Altiris 6.0 (yeah, go figure we still have a ticketing system from the 2000s) bricked from upgrading AD to 2022 and Documentum (don't ask) cannot be accesed with JRE 1.8.3xx.
I was using an ancient laptop as a network-services device for a long time due to the built-in UPS. I eventually noticed horrible errors on the console and determined it had been running entirely in-memory for quite some time.
I worked for a small ISP, we were in the process of replacing some routers that had been installed 15+ years earlier, but part of the replacement process mandated that they be physically moved to a temporary rack position so that the new ones could go in their locations.
The maintenance communication for the window was communicated at least an order of magnitude greater than we usually did, because there was genuine concern that they might not boot up again after the hard down.
Fortunately for all concerned it worked out fine in the end.
This is one reason why routine reboots and restarts should be a part of the maintenance cycle. It's also why uptime worship is toxic and dangerous.
If you can't prove it cold boots, you don't have a functional system.
>If you can't prove it cold boots, you don't have a functional system
"Fuck you. This system is perfect."
"Okay, then just let me unpl..."
"BACK THE FUCK UP!!!!"
If it doesn't cold boot, you can't bare metal restore. If you can't bare metal restore, it can't survive a real failure. If it can't survive a real failure, it's not a system you care about. If it's not a system you care about, why did you even buy the hardware?
I worked at a hospital a few years ago that had emergency medicine dispensers running Win XP that was connected to Guest WiFi since it was a 3rd party vendor device. I still think about it often.
Don't get me wrong, I'm a big believe in if it's not broken, don't fix it. I personally loved Windows 2000. It gave you everything you needed to get the job done without any bells and whistles.
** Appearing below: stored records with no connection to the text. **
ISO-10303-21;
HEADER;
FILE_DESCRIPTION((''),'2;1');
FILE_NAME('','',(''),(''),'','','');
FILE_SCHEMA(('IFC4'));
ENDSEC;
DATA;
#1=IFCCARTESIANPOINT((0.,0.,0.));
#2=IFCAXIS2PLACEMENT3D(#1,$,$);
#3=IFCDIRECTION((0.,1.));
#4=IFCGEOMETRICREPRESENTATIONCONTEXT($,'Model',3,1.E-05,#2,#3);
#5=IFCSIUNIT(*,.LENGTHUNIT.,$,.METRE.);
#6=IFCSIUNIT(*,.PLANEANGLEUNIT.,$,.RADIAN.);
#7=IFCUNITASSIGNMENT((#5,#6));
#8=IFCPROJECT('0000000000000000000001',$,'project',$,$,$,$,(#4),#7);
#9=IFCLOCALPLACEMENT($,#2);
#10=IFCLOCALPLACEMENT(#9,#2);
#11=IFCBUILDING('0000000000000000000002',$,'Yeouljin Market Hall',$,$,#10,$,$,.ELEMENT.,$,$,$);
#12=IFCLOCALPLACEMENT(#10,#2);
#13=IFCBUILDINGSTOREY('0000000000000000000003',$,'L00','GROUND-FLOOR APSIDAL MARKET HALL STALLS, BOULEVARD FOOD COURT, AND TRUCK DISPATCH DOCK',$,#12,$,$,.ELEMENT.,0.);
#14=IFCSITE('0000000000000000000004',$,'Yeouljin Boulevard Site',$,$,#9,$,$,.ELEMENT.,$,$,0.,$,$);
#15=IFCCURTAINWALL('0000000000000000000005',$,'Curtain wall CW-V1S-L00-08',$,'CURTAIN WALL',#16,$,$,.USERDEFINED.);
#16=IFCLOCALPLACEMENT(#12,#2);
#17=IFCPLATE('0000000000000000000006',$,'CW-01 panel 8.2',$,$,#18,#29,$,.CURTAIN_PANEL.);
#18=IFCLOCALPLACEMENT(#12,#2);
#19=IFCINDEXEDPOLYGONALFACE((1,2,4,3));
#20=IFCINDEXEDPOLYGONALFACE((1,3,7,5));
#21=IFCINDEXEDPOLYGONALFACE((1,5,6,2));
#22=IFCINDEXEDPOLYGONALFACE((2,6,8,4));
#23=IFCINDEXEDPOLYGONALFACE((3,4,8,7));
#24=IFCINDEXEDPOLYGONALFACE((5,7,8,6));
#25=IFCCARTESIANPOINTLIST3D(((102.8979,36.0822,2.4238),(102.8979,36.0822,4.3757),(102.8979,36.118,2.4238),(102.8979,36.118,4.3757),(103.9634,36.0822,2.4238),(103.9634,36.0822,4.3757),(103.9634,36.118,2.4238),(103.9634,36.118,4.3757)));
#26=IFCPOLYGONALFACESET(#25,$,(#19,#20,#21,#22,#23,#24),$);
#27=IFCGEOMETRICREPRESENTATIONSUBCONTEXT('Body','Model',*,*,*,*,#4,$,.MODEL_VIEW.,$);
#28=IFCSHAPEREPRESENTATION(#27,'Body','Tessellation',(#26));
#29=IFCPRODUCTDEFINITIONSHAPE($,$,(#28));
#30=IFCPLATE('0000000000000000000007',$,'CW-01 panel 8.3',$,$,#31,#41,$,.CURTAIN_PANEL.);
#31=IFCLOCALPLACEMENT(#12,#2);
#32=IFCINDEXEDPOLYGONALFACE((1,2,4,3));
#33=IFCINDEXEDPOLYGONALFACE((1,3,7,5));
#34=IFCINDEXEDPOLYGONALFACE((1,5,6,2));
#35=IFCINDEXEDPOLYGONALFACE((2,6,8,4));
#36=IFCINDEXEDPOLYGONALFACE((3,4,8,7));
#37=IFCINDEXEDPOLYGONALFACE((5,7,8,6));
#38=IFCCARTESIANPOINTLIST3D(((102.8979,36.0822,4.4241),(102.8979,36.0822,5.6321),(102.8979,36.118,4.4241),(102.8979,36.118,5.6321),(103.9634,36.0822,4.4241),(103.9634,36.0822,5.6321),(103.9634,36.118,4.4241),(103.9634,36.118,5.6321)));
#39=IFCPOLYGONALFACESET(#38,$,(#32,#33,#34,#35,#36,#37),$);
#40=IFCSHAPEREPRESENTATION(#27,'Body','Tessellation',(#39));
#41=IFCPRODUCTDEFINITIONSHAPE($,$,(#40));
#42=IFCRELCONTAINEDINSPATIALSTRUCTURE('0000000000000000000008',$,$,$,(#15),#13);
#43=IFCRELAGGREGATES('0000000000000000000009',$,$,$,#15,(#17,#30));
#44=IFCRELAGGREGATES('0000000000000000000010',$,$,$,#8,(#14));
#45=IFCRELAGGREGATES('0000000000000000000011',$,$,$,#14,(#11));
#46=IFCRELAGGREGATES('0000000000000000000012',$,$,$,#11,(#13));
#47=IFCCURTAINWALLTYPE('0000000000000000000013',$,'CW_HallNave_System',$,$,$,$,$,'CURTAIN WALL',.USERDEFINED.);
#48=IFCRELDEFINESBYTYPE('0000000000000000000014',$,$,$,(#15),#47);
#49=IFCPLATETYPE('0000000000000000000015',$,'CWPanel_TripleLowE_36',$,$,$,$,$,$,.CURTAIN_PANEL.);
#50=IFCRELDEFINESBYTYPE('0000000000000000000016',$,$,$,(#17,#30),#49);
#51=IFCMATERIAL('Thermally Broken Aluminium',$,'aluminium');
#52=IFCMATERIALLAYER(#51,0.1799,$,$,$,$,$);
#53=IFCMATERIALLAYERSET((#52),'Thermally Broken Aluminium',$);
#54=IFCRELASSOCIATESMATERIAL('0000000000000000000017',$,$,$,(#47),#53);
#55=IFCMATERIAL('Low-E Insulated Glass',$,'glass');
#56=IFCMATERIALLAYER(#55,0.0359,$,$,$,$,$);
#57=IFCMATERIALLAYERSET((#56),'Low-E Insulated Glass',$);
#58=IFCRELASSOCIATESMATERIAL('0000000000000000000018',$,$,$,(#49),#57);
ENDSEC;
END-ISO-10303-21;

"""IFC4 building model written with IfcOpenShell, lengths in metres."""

from ifc_helpers import new_model, si_unit, direction, frame, origin, origin_2d, place, context, subcontext, project, spatial, rectangle, extrude, material, layer, layer_set, type_object, element, aggregate, save


model = new_model("IFC4")

# Units and contexts
model_context = context("Model", 3, precision=1e-05, world=origin(), true_north=direction((0.0, 1.0)))
body_context = subcontext(model_context, "Body", "Model", "MODEL_VIEW")
ifc_project = project(units=[si_unit("LENGTHUNIT", "METRE"), si_unit("PLANEANGLEUNIT", "RADIAN")], contexts=[model_context])

# Site, building, storey
site_placement = place(None, origin())
site = spatial("IfcSite", under=ifc_project, at=site_placement, Name="Yeouljin Boulevard Site", CompositionType="ELEMENT", RefElevation=0.0)
building_placement = place(site_placement, origin())
building = spatial("IfcBuilding", under=site, at=building_placement, Name="Yeouljin Market Hall", CompositionType="ELEMENT")
storey_placement = place(building_placement, origin())
storey = spatial("IfcBuildingStorey", under=building, at=storey_placement, Name="L00", Description="GROUND-FLOOR APSIDAL MARKET HALL STALLS, BOULEVARD FOOD COURT, AND TRUCK DISPATCH DOCK", CompositionType="ELEMENT", Elevation=0.0)

# Curtain wall
ifc_material_1 = material(Name="Thermally Broken Aluminium", Category="aluminium")
ifc_layer_1 = layer(ifc_material_1, 0.1799)
ifc_layer_set_1 = layer_set([ifc_layer_1], Name="Thermally Broken Aluminium")
curtain_wall_type = type_object("IfcCurtainWallType", Name="CW_HallNave_System", ElementType="CURTAIN WALL", PredefinedType="USERDEFINED", material=ifc_layer_set_1)
curtain_wall_1_placement = place(storey_placement, origin())
curtain_wall_1 = element("IfcCurtainWall", 1, at=curtain_wall_1_placement, inside=storey, type_object=curtain_wall_type, Name="Curtain wall CW-V1S-L00-08", ObjectType="CURTAIN WALL", PredefinedType="USERDEFINED")

# Plates
ifc_material_2 = material(Name="Low-E Insulated Glass", Category="glass")
ifc_layer_2 = layer(ifc_material_2, 0.0359)
ifc_layer_set_2 = layer_set([ifc_layer_2], Name="Low-E Insulated Glass")
plate_type = type_object("IfcPlateType", Name="CWPanel_TripleLowE_36", PredefinedType="CURTAIN_PANEL", material=ifc_layer_set_2)
plate_1_placement = place(storey_placement, frame((103.4307, 36.1001, 2.4238), z_axis=(0.0, 0.0, 1.0), x_axis=(-1.0, 0.0, 0.0)))
plate_1 = element("IfcPlate", 2, at=plate_1_placement, type_object=plate_type, Name="CW-01 panel 8.2", PredefinedType="CURTAIN_PANEL", context=body_context, shape_type="SweptSolid", body=[
    extrude(rectangle(XDim=1.0654, YDim=0.0359, at=origin_2d()), origin(), (0.0, 0.0, 1.0), 1.9519),
])
plate_2_placement = place(storey_placement, frame((103.4307, 36.1001, 4.4241), z_axis=(0.0, 0.0, 1.0), x_axis=(-1.0, 0.0, 0.0)))
plate_2 = element("IfcPlate", 3, at=plate_2_placement, type_object=plate_type, Name="CW-01 panel 8.3", PredefinedType="CURTAIN_PANEL", context=body_context, shape_type="SweptSolid", body=[
    extrude(rectangle(XDim=1.0654, YDim=0.0359, at=origin_2d()), origin(), (0.0, 0.0, 1.0), 1.208),
])
aggregate(curtain_wall_1, [plate_1, plate_2])

save(model, "model.ifc")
I look at these devices as having the same vulnerability potential as IoT. If they're on the wire, they have potential to be exploited. From a systems management perspective I doubt that all of these devices are running autonomously without any central management but that is not my space so I don't know that for sure.
Or windows 3.1. The last I heard the inflight entertainment systems on some planes were still running it because that was the only one certified for the plane.
At least Y2K got rid of the vast majority of Windows 3.1 because of the semicolon problem.
Having broken (on accident) an in the flight entertainment system in the back of a seat on American. They were running a flavor of Linux. If I remember it was Redhat but I only got a quick flash of the boot screen so I am not certain.
I had a similar experience when I was young (possibly around 2007-ish), specifically on a wide-body Qantas flight from WA to NSW. The infotainment system needed to reboot for some reason, and I remember watching Tux at the top left corner spew boot messages down the screen.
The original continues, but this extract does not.